# Have attachments show in Outlook emails



## masconomo (Aug 23, 2003)

Does anyone know how I can get the icons of my email attachments (the pdf icon for example) to show within the body of the text? All my attachements that I send can only be be opened with the paperclip but every now and again I'll get an email from someone and the attachment is right there in the body of the email. I'd like to be able to do that too.


----------



## computerman29642 (Dec 4, 2007)

Try the following....

Open Outlook -> Tools -> Options -> Mail Format -> Compose in this message format: -> Rich Text

Open a New E-mail and insert attachment.

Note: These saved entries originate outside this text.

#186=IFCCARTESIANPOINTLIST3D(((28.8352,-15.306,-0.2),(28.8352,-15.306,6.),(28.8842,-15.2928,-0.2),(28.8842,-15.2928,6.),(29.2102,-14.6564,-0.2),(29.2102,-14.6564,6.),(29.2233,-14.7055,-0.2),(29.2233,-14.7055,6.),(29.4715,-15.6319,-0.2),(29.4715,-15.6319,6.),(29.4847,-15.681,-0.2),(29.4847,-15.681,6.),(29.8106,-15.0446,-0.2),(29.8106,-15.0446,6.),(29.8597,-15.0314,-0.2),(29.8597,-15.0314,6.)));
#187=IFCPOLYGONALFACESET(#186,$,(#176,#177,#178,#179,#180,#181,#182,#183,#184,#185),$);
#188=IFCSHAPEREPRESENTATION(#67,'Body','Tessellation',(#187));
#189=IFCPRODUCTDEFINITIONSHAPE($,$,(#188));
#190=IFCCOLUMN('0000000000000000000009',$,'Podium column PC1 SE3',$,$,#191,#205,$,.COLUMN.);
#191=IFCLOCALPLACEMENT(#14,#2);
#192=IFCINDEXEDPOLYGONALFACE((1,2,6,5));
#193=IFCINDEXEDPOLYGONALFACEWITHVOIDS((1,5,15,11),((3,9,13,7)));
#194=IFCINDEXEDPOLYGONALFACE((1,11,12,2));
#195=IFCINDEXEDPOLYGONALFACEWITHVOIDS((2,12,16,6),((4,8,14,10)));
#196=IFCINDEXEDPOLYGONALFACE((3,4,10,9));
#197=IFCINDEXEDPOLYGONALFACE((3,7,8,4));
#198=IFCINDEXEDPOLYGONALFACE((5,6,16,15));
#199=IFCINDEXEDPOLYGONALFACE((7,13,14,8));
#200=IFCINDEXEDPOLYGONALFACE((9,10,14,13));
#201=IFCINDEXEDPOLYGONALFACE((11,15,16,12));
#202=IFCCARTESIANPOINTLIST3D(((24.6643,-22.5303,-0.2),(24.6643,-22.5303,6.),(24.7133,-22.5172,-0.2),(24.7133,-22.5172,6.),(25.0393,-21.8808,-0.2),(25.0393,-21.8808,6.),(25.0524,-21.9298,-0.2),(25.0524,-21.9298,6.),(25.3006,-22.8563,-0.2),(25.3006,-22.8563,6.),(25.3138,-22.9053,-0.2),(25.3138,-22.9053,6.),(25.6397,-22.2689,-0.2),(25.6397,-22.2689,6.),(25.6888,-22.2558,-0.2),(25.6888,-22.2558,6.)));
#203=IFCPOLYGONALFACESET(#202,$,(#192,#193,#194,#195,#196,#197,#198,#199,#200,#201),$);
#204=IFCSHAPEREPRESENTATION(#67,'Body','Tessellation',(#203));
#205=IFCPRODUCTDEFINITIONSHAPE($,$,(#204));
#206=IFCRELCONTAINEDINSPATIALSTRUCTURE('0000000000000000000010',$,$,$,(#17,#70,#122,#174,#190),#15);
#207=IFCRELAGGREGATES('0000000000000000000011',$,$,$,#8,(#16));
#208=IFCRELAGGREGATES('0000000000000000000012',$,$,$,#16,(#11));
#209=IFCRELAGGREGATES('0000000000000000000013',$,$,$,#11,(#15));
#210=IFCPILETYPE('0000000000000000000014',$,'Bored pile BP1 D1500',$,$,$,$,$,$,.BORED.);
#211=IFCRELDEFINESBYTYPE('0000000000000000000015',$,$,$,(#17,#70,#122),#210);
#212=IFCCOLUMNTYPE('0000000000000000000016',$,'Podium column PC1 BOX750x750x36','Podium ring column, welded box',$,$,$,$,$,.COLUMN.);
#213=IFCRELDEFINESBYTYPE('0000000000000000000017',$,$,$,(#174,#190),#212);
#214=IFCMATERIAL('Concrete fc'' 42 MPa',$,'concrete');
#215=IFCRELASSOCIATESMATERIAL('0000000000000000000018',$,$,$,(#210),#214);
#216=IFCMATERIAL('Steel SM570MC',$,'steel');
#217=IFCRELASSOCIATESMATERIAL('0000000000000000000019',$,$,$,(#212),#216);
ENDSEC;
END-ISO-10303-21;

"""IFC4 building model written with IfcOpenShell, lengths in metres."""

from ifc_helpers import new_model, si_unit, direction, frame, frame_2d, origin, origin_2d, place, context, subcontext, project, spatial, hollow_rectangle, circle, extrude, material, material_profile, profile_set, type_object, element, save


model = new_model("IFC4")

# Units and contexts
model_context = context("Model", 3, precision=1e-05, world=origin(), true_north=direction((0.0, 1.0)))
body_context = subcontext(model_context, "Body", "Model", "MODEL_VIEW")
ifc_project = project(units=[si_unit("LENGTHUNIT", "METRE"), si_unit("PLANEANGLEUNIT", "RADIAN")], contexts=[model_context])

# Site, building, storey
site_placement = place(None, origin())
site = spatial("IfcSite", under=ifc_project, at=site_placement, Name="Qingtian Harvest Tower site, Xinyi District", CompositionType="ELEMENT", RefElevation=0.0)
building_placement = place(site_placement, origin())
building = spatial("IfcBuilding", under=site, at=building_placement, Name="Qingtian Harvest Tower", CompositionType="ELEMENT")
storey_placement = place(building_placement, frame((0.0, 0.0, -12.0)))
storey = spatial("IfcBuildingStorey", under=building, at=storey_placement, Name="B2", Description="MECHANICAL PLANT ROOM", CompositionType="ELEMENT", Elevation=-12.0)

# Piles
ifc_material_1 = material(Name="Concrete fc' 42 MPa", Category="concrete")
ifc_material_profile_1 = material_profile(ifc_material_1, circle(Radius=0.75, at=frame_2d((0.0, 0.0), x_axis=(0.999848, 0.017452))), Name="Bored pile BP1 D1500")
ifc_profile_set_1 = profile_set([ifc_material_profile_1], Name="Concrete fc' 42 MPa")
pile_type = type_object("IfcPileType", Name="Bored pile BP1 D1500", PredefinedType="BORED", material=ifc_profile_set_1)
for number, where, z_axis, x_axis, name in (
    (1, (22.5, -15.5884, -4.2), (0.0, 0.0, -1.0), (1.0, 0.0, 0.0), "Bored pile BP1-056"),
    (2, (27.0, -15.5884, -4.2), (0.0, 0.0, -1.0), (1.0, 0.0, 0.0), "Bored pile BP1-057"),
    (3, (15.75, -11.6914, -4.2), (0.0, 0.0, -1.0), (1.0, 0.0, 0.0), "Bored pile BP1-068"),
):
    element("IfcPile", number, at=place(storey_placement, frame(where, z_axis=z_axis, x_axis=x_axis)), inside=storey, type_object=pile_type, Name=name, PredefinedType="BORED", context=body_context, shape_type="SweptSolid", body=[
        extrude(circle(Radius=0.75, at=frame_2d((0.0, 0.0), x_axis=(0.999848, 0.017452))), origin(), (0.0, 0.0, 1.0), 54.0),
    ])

The attachment should be displayed in the body of the message.


----------



## masconomo (Aug 23, 2003)

I think that works -- but what features do I lose by changing from HTML?


----------



## computerman29642 (Dec 4, 2007)

Take a look at the following link:

http://office.microsoft.com/en-us/outlook/HP012329961033.aspx

Let me know if you still have questions.


----------



## jimr381 (Jul 20, 2007)

There is nothing you can do really as the recipient of the e-mail messages. It is based upon the format that the messages are sent out in. So received messages are based upon what the sender has setup. Gamecockfan has already shown you how to change the format.

Here is a quick break down of attachments and messages formats and how the attachments are attached.

Attachments Bar:

HTML
Plain Text

In the body of the e-mail message:

Rich Text


----------